In actual practice, it's an "ascent hold" at depth for 30sec -at each "triad" cardinal number depth by-threes in meters, or "decade" by-tens in US Imperial), and then "move up" to the next cardinal depth in 30sec.

So for example, stop at 36m/120' for 30 seconds, then move up to next depth of 33m/110' in 30 seconds; do a hold at 33m/110' for 30 seconds, then move to 30m/100' in 30 seconds; and so on etc.

And that IMO does make the resulting calculations irrelevant to novice divers who would reasonably be expected to ascend at the nominal 30'/minute rate they were trained to.



I actually find your methodolgy conceptually intriguing. It does bind the ascent into an arguably more controlled situation. I do find the length of those stops unnecessarily long at the expense of other important factors - boiled down: more time at depth, less available gas for the unexpected and time at more beneficial offgassing depths.

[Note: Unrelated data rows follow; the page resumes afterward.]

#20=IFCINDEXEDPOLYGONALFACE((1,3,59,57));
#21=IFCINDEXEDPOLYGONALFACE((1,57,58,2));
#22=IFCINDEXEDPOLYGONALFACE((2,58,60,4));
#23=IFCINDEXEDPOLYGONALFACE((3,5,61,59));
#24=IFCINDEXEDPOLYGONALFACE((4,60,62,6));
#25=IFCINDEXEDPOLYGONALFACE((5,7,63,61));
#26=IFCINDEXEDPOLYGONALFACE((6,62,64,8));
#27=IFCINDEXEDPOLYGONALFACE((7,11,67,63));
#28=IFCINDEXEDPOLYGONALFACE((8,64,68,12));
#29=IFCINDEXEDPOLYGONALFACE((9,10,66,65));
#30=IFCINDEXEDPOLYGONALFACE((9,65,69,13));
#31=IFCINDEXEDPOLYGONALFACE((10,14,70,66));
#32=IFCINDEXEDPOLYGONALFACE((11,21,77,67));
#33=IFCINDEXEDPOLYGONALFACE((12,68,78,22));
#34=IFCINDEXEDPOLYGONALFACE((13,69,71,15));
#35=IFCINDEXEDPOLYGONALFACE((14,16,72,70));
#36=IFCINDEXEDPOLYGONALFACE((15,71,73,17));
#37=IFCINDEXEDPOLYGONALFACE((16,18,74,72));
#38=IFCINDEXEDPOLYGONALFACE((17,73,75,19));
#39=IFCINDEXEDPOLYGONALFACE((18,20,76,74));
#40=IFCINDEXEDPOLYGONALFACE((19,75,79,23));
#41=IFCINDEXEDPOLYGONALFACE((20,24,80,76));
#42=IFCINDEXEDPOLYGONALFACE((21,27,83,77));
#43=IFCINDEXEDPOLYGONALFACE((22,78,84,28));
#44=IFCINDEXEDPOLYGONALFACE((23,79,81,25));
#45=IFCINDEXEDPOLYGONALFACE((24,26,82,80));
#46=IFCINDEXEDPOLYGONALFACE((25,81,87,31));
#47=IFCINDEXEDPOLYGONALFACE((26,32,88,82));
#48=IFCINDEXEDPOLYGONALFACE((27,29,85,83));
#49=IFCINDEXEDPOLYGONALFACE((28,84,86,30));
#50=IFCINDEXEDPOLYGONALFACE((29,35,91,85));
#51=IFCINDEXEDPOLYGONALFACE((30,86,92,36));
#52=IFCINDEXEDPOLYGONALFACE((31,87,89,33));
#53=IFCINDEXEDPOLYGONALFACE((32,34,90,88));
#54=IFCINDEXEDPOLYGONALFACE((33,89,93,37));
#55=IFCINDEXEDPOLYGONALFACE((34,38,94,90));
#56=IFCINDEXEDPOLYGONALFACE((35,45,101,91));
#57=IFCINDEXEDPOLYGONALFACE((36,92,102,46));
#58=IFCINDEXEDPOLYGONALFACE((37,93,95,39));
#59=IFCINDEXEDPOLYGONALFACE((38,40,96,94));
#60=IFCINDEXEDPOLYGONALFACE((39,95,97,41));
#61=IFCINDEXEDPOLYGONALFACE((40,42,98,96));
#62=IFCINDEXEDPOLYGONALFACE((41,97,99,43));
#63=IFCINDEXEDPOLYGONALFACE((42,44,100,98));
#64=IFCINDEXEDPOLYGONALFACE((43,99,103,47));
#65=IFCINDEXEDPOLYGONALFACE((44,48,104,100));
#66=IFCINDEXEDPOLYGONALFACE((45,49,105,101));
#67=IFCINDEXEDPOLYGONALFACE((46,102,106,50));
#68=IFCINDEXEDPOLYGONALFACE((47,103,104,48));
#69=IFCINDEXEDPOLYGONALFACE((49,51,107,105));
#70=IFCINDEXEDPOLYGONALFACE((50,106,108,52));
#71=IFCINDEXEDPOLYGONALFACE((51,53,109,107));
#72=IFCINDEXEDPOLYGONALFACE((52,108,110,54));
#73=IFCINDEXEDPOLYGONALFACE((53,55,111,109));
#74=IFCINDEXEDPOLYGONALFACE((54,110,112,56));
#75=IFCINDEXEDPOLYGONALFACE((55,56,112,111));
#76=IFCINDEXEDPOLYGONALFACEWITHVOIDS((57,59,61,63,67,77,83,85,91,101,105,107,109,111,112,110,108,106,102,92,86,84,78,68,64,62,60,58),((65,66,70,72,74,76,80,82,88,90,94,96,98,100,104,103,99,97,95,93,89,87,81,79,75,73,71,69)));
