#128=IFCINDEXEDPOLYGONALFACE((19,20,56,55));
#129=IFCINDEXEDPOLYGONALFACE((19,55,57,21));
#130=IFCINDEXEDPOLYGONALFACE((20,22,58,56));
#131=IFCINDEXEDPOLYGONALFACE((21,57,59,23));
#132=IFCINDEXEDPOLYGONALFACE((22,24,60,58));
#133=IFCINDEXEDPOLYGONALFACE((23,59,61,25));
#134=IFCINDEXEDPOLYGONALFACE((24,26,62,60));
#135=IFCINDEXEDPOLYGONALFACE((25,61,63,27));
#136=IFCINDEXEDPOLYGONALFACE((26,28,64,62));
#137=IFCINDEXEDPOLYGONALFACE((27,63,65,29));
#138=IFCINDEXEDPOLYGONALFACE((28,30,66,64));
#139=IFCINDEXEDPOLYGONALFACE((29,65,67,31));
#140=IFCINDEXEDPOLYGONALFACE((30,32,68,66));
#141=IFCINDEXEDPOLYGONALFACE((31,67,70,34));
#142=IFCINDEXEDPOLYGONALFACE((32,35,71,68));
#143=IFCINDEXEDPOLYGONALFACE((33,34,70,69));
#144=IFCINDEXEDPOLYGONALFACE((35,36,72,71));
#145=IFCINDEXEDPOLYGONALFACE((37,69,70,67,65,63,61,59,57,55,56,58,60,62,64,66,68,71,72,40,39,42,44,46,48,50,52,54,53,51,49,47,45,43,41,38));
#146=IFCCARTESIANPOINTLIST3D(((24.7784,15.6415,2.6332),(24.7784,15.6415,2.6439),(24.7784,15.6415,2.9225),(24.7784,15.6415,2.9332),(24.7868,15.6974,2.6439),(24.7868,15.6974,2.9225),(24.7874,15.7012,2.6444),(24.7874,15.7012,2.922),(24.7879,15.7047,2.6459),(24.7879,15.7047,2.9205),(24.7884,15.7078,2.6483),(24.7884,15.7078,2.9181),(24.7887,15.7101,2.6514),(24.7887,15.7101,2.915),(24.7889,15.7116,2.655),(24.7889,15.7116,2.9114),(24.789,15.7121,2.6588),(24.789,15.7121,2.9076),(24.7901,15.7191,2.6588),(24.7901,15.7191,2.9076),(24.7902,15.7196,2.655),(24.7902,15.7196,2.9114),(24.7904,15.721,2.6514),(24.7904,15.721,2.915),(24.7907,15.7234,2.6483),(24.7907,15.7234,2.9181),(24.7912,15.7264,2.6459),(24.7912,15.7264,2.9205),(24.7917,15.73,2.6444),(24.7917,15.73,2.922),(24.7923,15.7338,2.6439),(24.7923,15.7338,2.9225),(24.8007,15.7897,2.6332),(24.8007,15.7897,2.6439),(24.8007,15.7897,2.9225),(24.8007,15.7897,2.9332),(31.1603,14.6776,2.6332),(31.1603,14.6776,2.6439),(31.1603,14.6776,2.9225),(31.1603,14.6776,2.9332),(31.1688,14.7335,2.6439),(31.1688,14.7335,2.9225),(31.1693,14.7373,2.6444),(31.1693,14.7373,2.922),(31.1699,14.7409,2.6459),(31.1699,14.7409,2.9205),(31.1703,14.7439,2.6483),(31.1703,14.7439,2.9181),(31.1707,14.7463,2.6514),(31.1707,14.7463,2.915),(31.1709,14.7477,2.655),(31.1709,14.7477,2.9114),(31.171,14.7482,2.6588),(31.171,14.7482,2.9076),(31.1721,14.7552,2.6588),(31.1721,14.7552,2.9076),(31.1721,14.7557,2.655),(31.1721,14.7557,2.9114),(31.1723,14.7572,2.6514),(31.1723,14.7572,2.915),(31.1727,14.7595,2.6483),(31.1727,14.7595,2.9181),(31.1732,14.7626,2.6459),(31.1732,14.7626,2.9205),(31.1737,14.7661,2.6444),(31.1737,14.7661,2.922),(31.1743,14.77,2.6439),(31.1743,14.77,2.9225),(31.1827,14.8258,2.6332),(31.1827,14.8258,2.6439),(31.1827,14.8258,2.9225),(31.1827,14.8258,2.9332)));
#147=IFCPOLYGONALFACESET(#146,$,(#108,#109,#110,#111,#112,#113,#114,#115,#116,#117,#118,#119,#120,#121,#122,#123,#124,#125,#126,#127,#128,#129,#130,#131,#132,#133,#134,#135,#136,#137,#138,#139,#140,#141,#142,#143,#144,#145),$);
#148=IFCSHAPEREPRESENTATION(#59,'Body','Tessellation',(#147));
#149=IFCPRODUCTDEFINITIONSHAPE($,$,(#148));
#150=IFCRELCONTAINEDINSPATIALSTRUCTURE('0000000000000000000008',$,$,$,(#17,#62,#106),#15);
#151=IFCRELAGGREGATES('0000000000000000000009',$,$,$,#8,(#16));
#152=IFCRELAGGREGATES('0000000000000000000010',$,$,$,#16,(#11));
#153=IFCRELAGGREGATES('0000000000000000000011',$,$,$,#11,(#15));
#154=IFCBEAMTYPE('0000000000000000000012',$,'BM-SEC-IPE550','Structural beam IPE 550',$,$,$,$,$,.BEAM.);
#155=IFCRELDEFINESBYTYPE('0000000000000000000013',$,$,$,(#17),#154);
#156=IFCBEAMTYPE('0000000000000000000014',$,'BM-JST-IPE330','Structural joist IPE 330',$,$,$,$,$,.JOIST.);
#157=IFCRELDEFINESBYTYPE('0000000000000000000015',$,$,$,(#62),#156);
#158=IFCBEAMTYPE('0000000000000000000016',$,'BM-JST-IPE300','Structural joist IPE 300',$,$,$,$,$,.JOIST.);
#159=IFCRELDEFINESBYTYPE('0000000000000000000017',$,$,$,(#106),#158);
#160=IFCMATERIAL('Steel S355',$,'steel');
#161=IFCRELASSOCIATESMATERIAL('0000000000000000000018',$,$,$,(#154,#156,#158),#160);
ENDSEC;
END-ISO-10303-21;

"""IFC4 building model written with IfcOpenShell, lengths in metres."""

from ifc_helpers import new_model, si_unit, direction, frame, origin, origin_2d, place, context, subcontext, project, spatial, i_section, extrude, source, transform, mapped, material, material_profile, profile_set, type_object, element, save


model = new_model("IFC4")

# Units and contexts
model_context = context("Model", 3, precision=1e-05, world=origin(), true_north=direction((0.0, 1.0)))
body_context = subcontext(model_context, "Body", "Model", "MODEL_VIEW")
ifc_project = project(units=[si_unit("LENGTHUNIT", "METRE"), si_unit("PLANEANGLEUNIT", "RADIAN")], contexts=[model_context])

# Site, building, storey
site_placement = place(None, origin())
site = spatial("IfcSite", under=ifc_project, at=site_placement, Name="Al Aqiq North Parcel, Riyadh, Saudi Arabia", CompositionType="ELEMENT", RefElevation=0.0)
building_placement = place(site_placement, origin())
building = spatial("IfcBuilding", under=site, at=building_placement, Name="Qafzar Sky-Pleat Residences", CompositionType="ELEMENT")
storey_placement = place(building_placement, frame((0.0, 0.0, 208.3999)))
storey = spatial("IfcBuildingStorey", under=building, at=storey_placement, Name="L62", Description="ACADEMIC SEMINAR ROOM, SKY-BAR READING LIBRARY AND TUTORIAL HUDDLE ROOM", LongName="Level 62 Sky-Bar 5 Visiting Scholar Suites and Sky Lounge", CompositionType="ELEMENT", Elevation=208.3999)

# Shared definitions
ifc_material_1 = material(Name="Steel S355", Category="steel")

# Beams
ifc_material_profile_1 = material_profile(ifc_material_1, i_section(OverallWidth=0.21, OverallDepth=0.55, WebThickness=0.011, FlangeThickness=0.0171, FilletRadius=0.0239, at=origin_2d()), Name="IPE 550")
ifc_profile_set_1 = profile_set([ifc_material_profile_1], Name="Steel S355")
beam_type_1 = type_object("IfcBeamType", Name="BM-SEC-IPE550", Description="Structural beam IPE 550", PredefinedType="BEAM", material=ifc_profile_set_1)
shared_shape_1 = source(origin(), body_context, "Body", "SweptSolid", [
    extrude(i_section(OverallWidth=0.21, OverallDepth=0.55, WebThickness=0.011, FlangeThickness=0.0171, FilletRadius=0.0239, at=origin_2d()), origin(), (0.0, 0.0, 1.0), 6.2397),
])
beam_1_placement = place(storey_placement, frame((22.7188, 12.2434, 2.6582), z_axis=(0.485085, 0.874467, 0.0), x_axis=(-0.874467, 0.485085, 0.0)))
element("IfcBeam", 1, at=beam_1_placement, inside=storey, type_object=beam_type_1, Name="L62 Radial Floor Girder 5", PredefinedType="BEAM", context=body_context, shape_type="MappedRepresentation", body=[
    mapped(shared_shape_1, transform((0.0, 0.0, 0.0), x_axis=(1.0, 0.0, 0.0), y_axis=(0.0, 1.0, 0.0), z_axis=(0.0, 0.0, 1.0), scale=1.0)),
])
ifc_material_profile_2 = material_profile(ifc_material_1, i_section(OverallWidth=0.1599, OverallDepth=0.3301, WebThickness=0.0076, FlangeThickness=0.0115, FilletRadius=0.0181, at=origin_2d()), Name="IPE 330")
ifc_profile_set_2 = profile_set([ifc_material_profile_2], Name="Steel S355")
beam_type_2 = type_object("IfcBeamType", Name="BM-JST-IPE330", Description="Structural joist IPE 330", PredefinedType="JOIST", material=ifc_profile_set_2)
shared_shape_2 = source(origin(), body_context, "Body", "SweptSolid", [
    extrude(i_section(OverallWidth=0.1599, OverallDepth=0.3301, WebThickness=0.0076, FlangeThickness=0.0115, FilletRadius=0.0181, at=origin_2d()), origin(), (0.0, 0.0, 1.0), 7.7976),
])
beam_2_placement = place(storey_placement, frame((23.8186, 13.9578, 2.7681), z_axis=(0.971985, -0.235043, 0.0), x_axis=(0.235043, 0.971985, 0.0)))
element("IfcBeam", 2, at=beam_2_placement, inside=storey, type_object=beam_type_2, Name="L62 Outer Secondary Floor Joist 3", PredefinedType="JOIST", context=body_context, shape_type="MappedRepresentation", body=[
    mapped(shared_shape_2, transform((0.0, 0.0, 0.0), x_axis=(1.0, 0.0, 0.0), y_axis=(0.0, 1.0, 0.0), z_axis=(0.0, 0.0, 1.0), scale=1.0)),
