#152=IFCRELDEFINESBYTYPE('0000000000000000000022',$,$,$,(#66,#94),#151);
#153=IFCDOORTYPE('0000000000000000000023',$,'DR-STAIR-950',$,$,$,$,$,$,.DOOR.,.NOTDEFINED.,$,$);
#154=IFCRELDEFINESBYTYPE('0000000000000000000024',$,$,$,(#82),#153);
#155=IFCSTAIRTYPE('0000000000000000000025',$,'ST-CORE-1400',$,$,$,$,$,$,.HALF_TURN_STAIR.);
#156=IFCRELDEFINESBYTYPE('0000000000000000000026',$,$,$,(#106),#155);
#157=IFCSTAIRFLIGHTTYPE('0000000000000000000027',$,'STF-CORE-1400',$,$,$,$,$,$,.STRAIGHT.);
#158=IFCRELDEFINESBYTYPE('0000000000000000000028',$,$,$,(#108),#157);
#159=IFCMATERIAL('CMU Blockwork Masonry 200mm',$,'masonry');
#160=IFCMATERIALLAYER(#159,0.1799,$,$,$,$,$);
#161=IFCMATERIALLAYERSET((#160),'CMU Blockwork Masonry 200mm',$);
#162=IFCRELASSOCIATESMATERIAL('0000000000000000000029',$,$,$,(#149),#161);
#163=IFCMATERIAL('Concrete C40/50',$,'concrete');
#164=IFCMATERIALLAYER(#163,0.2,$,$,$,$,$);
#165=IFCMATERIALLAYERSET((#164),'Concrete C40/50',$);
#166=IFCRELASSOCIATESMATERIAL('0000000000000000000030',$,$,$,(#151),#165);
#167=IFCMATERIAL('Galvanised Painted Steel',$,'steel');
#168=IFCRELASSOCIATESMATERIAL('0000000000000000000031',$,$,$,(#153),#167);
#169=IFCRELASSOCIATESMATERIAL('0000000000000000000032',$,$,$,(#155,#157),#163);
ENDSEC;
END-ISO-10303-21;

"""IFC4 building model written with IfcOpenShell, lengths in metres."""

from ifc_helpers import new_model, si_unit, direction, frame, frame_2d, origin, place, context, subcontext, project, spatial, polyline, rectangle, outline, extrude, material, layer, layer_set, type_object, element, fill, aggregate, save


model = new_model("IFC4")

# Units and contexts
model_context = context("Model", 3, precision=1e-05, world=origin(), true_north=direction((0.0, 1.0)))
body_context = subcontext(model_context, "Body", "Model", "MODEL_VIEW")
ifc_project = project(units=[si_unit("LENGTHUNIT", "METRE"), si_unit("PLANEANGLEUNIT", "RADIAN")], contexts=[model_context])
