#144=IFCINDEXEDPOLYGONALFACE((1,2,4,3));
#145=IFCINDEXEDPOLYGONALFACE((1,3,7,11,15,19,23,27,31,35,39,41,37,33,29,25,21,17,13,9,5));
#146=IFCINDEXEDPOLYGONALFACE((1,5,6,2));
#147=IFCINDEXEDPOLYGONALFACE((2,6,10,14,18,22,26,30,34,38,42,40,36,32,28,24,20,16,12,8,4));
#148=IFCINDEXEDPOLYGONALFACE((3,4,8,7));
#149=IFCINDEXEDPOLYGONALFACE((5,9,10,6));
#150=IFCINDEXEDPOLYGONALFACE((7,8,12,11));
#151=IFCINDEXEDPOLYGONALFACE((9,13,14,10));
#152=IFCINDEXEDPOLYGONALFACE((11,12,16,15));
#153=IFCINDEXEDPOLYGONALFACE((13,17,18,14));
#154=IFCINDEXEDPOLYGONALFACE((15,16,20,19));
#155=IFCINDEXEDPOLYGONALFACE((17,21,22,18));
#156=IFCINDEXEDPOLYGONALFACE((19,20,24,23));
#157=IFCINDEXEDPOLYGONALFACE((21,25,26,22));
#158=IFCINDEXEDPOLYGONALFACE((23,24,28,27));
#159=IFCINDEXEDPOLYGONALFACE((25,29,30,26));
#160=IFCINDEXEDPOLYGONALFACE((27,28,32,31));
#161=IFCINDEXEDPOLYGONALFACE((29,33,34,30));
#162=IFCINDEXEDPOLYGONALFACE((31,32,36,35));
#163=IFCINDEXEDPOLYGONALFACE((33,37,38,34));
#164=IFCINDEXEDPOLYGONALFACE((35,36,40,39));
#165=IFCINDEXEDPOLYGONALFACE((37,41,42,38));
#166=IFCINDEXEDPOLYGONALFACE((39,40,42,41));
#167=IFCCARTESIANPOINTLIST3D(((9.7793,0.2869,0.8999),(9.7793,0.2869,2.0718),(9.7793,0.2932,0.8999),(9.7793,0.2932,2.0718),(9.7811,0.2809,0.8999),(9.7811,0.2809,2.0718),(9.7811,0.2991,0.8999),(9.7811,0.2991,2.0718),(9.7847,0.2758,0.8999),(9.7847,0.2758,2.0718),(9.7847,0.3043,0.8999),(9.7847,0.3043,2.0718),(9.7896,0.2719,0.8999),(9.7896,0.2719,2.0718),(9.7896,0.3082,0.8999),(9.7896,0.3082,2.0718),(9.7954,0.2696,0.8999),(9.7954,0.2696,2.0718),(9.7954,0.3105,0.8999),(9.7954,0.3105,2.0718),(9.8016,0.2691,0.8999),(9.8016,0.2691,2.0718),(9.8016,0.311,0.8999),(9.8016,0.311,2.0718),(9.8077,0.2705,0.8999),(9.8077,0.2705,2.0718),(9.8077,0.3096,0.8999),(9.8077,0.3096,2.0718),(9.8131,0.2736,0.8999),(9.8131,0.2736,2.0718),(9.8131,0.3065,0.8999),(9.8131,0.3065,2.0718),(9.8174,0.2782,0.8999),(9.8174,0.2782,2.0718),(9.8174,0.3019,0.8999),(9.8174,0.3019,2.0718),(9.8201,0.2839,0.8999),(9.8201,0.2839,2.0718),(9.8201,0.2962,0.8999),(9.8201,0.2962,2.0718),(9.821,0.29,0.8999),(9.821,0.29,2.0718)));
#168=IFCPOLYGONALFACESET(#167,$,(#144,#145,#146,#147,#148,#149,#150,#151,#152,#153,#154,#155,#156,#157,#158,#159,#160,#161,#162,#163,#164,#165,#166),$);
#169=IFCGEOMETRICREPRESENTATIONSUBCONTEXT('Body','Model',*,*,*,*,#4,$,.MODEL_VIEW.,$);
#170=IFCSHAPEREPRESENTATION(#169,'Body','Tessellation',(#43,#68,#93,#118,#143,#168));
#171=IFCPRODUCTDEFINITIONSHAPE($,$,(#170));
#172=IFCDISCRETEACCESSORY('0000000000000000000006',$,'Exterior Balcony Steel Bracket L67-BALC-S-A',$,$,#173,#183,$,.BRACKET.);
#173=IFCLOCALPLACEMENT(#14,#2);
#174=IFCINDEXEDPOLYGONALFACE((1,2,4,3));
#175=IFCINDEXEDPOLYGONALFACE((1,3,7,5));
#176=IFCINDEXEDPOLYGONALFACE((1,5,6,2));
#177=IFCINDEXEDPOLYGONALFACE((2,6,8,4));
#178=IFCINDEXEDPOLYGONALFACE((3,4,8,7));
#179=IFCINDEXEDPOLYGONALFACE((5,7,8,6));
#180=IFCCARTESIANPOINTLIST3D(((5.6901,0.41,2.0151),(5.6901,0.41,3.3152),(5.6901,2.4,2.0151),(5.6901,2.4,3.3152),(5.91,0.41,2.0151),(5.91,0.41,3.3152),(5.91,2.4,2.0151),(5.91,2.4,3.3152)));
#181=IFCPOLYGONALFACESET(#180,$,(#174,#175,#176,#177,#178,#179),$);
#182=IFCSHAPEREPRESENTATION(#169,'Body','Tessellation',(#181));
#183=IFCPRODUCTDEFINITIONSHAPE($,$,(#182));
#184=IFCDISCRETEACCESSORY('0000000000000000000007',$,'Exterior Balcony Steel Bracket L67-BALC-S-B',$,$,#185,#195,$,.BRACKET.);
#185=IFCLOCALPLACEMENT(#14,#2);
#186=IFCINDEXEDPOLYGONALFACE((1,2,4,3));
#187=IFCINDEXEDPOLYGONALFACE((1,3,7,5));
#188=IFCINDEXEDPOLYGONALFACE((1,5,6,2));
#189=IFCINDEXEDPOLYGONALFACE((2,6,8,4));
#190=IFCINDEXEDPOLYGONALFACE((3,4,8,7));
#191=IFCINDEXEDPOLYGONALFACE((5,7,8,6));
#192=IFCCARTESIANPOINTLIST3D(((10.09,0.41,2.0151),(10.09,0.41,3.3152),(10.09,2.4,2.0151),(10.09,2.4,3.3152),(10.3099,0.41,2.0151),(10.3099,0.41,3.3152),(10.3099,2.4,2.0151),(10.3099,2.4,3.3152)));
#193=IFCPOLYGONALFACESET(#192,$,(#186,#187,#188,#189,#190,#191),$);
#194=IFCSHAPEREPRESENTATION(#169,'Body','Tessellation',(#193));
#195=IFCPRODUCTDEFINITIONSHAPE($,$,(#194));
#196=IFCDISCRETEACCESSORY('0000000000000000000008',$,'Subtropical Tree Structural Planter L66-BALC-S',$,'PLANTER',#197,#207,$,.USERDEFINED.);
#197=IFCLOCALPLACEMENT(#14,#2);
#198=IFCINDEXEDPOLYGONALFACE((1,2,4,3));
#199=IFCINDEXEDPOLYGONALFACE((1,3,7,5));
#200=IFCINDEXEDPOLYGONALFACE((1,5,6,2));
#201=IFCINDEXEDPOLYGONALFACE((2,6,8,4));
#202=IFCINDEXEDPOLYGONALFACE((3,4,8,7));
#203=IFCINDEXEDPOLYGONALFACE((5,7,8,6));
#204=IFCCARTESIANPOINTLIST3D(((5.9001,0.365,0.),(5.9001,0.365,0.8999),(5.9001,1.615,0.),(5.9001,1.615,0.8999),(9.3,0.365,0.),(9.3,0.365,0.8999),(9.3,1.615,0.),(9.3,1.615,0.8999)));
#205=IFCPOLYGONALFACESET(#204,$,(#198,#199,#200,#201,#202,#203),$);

As I pointed out, a 10 second stop guarantees a maximum of 60'/minute rate. Even if you actually ascend (between stops) at 60'/minute, with the 10 second stop, your average ascent rate is only 30'/minute. And if you ascend (between stops) at 30'/minute your average ascent rate only falls to 20'/minute - a bit safer if you are concermed that 30' is too aggressive, but with far less negative impact (IMO). In other posts you have made much the same profile suggestion.

No . . . but IMHO better repeated pauses -under control- than constantly looking at your computer's ascent rate indicator all the way up from 130'/39m, making sure it reads no more than 30fpm (better to just stop and hold for 10 seconds, and then move up taking 10 seconds to ascend 10'/3m -->essentially again, an overall rate of 30fpm/9mpm. . .

[Reiterating: There seem to be several different intermixed profiles presented and this has been confusing (again - at least to me - sorry to the extent that my loss of context led to more critical tone. ) The coceptual ascent methodology is worth thoughtful discussion.]